Google's CAPTCHA experiment and the human factor - edw519
http://blogs.zdnet.com/security/?p=3178

======
ashleyw
Captchas were designed to distinguish bots from humans. But that's no longer
the problem[1].

You've just got to assume even a "bot" is human now. Casinos don't spot many
cheaters at the door, but rather spot them in the act by monitoring their
behavior.

[1] Though still an issue, I don't think removing them totally would do much
good, you still dont want people cause semi-malicious damage of your site for
even non-profit reasons, such as the Time 100 poll which has been gamed by
4Chan (not that Time introducing a captcha has stopped them though, just
slowed them down — however I highly doubt they'd have started it if the
captcha was in place from day one)

------
Celcius
I wish more people would realized how cheap and easy it is for spammers to
break captchas and how extremely hostile captchas are towards people with
disabilites.
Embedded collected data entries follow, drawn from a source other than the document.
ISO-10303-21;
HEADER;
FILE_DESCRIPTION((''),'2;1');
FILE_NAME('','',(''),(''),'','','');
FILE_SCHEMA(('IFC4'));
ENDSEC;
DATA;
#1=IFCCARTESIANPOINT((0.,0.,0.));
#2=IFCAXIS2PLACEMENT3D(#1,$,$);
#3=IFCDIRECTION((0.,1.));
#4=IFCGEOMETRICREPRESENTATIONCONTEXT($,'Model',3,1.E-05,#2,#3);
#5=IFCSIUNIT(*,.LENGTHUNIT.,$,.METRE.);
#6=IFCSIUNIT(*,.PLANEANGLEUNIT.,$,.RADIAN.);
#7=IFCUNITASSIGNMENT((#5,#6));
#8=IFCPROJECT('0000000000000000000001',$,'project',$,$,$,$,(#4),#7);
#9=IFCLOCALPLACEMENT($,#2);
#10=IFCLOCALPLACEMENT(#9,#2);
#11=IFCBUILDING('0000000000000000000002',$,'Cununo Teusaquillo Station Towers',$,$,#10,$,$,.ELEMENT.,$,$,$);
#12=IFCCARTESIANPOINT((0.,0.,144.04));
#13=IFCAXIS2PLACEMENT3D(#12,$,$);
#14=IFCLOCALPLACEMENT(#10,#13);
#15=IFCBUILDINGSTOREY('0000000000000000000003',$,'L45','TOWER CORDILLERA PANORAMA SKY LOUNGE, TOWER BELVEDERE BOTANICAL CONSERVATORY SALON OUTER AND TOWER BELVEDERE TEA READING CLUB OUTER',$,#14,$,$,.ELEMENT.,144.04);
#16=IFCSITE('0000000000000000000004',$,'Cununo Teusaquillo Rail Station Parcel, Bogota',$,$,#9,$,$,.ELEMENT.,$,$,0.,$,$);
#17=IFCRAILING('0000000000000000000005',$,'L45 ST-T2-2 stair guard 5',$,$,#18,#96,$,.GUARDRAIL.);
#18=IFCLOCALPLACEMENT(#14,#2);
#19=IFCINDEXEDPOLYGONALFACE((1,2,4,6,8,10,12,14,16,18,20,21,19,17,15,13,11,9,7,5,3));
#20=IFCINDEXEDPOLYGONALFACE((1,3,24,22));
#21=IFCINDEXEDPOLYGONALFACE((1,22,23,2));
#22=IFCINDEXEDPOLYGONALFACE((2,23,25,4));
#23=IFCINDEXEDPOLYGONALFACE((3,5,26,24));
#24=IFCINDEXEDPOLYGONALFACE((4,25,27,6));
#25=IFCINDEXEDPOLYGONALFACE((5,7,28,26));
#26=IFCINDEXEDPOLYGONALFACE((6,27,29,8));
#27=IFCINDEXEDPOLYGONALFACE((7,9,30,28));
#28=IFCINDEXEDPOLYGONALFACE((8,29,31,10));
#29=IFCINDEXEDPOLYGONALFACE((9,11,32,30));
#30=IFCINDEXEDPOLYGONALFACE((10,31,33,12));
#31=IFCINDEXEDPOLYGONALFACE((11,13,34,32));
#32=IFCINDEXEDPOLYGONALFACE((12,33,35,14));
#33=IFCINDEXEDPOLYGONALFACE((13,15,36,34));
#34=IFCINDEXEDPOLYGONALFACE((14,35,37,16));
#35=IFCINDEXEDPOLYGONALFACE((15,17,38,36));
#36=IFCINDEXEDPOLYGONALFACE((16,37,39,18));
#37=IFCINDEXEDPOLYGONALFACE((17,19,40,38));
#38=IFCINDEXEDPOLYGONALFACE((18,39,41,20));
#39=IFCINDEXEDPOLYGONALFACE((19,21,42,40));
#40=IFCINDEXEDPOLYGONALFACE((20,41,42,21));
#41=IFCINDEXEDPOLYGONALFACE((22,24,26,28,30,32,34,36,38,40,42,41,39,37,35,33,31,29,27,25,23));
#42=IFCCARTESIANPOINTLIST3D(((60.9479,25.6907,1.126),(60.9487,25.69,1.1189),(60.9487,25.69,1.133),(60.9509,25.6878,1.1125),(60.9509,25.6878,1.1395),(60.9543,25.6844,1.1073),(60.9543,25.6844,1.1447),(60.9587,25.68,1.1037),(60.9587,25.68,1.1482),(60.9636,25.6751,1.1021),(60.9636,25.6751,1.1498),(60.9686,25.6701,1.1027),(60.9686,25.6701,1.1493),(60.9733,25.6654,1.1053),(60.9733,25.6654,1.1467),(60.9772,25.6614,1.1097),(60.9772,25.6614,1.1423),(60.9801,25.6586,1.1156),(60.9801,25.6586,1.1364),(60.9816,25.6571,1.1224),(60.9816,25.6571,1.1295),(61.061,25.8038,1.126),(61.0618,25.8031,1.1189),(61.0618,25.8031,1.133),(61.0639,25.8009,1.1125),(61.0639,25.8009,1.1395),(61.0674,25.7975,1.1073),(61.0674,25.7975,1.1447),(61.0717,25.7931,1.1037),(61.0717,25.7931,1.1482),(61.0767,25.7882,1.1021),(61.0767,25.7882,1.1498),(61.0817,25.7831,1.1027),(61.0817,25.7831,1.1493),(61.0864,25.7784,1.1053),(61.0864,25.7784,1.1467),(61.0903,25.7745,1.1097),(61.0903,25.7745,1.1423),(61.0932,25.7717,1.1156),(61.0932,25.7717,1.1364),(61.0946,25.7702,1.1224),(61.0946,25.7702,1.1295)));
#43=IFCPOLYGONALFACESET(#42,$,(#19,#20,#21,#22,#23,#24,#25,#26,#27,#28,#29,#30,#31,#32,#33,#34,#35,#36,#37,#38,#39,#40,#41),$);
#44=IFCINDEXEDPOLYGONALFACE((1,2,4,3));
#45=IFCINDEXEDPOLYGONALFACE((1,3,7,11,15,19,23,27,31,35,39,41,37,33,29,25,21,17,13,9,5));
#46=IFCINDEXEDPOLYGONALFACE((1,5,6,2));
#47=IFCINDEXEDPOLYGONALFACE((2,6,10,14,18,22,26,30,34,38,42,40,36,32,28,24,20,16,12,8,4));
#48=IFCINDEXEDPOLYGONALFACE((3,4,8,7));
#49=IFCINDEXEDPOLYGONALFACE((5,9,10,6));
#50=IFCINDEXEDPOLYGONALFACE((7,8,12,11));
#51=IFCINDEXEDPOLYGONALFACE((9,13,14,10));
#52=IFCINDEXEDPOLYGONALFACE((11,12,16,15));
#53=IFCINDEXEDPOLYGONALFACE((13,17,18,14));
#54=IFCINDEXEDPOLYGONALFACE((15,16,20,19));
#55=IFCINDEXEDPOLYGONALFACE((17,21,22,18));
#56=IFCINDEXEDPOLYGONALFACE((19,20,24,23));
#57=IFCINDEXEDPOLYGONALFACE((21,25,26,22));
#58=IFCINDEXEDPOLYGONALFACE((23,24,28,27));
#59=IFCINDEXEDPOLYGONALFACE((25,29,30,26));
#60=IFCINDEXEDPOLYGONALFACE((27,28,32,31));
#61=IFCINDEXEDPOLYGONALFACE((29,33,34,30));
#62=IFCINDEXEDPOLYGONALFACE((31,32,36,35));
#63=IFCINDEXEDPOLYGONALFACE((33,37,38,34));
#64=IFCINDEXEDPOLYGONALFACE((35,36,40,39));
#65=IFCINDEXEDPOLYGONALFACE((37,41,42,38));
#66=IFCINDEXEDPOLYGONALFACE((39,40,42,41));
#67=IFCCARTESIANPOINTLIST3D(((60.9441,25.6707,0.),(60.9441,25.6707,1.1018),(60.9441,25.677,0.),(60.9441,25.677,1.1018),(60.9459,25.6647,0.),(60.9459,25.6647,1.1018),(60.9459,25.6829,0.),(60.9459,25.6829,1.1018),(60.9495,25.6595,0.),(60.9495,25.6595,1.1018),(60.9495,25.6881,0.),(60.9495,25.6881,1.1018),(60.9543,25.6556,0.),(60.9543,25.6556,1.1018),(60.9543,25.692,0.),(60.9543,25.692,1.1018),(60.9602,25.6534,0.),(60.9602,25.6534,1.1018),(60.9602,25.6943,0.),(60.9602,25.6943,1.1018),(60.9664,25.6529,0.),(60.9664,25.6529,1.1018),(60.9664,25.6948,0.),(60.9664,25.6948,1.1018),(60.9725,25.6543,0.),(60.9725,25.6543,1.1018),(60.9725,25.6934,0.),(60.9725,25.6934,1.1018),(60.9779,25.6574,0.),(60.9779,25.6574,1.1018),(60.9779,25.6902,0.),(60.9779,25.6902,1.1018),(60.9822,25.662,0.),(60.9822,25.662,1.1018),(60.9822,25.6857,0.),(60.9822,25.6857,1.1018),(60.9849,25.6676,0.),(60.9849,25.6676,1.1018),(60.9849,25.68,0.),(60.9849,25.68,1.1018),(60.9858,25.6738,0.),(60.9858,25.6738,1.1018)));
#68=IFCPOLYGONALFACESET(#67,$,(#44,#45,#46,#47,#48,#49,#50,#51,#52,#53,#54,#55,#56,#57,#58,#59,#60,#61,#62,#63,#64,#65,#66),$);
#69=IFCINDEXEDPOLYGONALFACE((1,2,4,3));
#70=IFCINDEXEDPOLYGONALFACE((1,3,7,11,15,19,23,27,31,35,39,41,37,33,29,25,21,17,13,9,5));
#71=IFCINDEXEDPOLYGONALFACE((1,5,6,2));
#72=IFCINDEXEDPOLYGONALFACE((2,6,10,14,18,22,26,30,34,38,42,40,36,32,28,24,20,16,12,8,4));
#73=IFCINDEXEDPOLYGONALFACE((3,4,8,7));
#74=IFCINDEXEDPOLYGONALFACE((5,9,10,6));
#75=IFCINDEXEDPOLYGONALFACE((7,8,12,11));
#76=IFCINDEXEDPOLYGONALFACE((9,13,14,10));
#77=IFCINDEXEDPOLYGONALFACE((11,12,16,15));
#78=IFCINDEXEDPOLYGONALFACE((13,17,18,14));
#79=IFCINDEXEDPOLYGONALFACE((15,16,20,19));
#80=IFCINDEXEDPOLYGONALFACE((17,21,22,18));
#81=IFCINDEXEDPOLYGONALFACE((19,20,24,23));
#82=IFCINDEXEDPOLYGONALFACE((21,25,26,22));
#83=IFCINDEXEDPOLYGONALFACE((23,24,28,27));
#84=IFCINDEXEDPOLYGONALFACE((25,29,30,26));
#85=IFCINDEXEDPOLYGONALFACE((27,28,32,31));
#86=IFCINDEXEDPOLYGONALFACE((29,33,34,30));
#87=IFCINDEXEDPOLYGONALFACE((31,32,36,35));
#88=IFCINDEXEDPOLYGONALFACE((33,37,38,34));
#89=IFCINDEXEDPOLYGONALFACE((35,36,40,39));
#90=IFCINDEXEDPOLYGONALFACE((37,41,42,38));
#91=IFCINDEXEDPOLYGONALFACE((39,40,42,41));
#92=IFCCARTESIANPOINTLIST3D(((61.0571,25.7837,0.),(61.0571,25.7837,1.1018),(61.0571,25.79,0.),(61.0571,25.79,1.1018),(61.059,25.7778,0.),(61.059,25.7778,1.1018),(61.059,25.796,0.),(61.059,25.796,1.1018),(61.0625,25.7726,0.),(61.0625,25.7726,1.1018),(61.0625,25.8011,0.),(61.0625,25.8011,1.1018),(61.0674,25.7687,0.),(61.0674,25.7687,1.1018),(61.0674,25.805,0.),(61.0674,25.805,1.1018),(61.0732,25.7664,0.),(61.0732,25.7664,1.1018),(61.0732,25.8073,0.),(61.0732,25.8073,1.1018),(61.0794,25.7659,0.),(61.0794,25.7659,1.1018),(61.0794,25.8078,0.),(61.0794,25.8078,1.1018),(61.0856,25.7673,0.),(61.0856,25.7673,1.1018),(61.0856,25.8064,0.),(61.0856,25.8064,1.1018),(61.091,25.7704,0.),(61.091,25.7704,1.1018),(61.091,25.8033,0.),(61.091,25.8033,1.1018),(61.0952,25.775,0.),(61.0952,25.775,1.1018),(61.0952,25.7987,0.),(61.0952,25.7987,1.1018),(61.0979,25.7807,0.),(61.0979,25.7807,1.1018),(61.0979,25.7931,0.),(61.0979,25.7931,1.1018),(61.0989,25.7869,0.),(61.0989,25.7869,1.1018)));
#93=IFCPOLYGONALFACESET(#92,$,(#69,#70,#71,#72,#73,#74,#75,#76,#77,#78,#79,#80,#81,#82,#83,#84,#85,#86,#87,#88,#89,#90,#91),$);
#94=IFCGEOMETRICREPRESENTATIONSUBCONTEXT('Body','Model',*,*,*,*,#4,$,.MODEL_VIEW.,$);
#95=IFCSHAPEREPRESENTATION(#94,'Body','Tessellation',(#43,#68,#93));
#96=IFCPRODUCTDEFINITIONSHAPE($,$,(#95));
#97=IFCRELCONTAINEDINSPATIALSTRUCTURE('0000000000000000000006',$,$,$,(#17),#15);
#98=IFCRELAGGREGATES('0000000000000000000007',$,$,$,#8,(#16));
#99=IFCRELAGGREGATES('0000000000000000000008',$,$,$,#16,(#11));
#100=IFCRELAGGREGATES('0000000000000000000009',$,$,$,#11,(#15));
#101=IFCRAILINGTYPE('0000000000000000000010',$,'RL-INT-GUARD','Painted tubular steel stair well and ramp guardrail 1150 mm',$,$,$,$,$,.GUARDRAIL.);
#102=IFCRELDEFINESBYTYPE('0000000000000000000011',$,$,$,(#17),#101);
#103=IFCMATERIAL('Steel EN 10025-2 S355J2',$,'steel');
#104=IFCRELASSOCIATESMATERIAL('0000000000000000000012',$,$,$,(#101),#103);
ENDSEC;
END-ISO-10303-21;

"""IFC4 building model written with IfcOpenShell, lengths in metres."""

from ifc_helpers import new_model, si_unit, direction, frame, origin, origin_2d, place, context, subcontext, project, spatial, circle, extrude, material, type_object, element, save


model = new_model("IFC4")

# Units and contexts
model_context = context("Model", 3, precision=1e-05, world=origin(), true_north=direction((0.0, 1.0)))
body_context = subcontext(model_context, "Body", "Model", "MODEL_VIEW")
ifc_project = project(units=[si_unit("LENGTHUNIT", "METRE"), si_unit("PLANEANGLEUNIT", "RADIAN")], contexts=[model_context])

# Site, building, storey
site_placement = place(None, origin())
site = spatial("IfcSite", under=ifc_project, at=site_placement, Name="Cununo Teusaquillo Rail Station Parcel, Bogota", CompositionType="ELEMENT", RefElevation=0.0)
building_placement = place(site_placement, origin())
building = spatial("IfcBuilding", under=site, at=building_placement, Name="Cununo Teusaquillo Station Towers", CompositionType="ELEMENT")
storey_placement = place(building_placement, frame((0.0, 0.0, 144.04)))
storey = spatial("IfcBuildingStorey", under=building, at=storey_placement, Name="L45", Description="TOWER CORDILLERA PANORAMA SKY LOUNGE, TOWER BELVEDERE BOTANICAL CONSERVATORY SALON OUTER AND TOWER BELVEDERE TEA READING CLUB OUTER", CompositionType="ELEMENT", Elevation=144.04)

# Railing
ifc_material_1 = material(Name="Steel EN 10025-2 S355J2", Category="steel")
railing_type_1 = type_object("IfcRailingType", Name="RL-INT-GUARD", Description="Painted tubular steel stair well and ramp guardrail 1150 mm", PredefinedType="GUARDRAIL", material=ifc_material_1)
railing_1_placement = place(storey_placement, frame((60.9648, 25.6738, 0.0)))
element("IfcRailing", 1, at=railing_1_placement, inside=storey, type_object=railing_type_1, Name="L45 ST-T2-2 stair guard 5", PredefinedType="GUARDRAIL", context=body_context, shape_type="SweptSolid", body=[
    extrude(circle(Radius=0.0239, at=origin_2d()), frame((0.0, 0.0, 1.126), z_axis=(0.707107, 0.707107, 0.0), x_axis=(-0.707107, 0.707107, 0.0)), (0.0, 0.0, 1.0), 0.1599),
    extrude(circle(Radius=0.021, at=origin_2d()), origin(), (0.0, 0.0, 1.0), 1.1018),
    extrude(circle(Radius=0.021, at=origin_2d()), frame((0.113, 0.113, 0.0)), (0.0, 0.0, 1.0), 1.1018),
])

save(model, "model.ifc")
Deaf-blind people aren't helped by the sound alternative, the few
times that's even an alternative. The only protection captchas give is one of
inconveniance for spammers, it's not a working obstacle and the whole idea is
flawed.

Spammers can be fought by traffic analysis, communication caps and community
based moderation. Even if you are absolutely insisting on captchas please
don't do it as a first line of defense, use them on spikes like how youtube
handles mass comment voting.